Zero can be represented in a variety of ways, including as "0". It could equally well be represented as "22", or "e^{iπ}+1", and so on; the number's the same, it's just written a different way. (Compare how "0.999..." denotes the same number as "1"; it's merely two different ways of writing down the same thing.)
"42" vs. "042" vs "0...042" with any arbitrary number of leading 0s is an example of the same. That's the digit 0 there, not the number zero; the number is the same (and canonically written as just "42", although that's just convention).
Indeed, for another example, compare different bases. 0x2A (hexadecimal) is the same as 42 (decimal) as 052 (octal) as 101010 (binary). Different representations again, but they are all names for the same number.
So that said:
I agree, but what is then consequently the meaning of the empty string in base n with n > 0 ?

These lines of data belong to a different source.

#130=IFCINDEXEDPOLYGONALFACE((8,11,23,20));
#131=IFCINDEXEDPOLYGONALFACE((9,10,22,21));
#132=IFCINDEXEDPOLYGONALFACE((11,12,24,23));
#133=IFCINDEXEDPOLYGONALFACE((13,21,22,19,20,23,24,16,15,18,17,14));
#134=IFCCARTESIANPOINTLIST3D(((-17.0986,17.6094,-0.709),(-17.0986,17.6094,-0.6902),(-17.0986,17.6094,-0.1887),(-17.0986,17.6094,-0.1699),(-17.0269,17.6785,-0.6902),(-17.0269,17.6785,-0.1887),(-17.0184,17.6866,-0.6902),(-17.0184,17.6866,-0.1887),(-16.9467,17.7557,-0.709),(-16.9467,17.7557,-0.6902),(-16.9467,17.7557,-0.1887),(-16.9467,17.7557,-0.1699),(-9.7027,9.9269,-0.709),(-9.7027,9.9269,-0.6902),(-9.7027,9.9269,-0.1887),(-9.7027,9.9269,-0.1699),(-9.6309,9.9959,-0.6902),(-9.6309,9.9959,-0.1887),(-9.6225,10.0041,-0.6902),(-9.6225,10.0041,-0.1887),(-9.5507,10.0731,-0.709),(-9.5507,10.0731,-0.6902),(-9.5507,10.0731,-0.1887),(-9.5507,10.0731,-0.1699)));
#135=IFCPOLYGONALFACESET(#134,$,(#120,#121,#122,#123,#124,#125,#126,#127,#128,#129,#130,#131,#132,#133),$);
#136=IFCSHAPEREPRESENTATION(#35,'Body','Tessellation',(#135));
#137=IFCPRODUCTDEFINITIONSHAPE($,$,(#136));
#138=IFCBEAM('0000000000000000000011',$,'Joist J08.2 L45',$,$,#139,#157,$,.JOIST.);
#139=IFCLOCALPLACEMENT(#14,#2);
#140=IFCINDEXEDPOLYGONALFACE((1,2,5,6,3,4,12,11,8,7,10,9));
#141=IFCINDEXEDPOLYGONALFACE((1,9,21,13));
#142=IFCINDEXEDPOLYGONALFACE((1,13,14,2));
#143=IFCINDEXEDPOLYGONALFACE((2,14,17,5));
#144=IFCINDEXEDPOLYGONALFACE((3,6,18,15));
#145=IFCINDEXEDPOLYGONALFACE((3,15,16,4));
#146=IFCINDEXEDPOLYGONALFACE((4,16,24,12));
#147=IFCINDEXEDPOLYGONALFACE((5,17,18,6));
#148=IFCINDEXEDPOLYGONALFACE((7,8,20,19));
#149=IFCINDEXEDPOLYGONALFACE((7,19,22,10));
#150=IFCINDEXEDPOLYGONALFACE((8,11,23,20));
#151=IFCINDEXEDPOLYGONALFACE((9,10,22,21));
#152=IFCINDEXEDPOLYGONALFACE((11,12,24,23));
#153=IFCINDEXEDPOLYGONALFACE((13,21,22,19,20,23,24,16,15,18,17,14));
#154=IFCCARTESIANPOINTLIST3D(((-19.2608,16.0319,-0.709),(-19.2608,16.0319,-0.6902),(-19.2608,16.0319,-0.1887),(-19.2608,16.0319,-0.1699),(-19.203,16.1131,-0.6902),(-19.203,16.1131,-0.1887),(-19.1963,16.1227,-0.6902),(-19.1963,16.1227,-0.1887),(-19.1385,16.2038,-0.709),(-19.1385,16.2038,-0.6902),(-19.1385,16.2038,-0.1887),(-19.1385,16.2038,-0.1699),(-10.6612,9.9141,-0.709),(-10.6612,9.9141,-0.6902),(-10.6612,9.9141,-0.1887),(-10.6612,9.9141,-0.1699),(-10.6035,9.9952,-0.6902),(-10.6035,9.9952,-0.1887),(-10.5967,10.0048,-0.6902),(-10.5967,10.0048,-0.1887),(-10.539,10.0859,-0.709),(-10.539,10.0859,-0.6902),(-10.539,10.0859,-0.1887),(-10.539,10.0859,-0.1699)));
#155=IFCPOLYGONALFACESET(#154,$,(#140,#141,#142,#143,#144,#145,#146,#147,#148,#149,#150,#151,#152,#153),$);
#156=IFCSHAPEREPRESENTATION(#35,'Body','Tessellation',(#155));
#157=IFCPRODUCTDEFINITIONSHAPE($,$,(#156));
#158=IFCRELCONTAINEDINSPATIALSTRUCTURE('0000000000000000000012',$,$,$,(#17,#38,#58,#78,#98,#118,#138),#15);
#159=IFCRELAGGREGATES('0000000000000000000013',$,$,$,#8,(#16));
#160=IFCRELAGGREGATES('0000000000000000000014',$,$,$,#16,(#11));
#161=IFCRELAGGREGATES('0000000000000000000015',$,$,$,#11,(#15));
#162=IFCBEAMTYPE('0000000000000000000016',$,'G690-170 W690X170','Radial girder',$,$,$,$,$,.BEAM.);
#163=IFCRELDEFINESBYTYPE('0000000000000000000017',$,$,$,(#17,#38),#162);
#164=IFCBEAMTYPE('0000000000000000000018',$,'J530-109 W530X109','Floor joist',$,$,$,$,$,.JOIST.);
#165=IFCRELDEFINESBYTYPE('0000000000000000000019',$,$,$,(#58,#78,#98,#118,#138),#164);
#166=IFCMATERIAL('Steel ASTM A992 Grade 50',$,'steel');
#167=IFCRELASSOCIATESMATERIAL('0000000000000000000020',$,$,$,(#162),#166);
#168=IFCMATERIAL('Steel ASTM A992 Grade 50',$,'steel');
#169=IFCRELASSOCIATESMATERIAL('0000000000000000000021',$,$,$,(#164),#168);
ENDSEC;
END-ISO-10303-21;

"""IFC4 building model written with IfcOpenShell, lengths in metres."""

The meaning of the empty string in base 1 is the number zero  but not the digit 0, though that digit, on its own and interpreted in bases n≥2, represents the number zero. The meaning of the empty string in such higher bases isn't generally agreed on, I think (by which I mean that nobody asked me for my opinion on the matter ;)). Consider this: you can tell me what "2+3*4" is, but if I asked you about "2+*4", you'd say that that's not a valid calculation, rather than giving the answer as "2" after having interpreted the empty string between the "+" and "*" as the number zero.
Lets talk about base 0 now ;)
Hmm, base 0? Talk about weird! Since 0^{0}=1 by usual convention, but 0^{n}=0 for any other n, you couldn't represent any number larger than one. But that'd be the least of your problems, since your set of symbols (read: digits) would be empty anyway, and you could not actually represent anything other than the number zero, which would be represented by the empty string.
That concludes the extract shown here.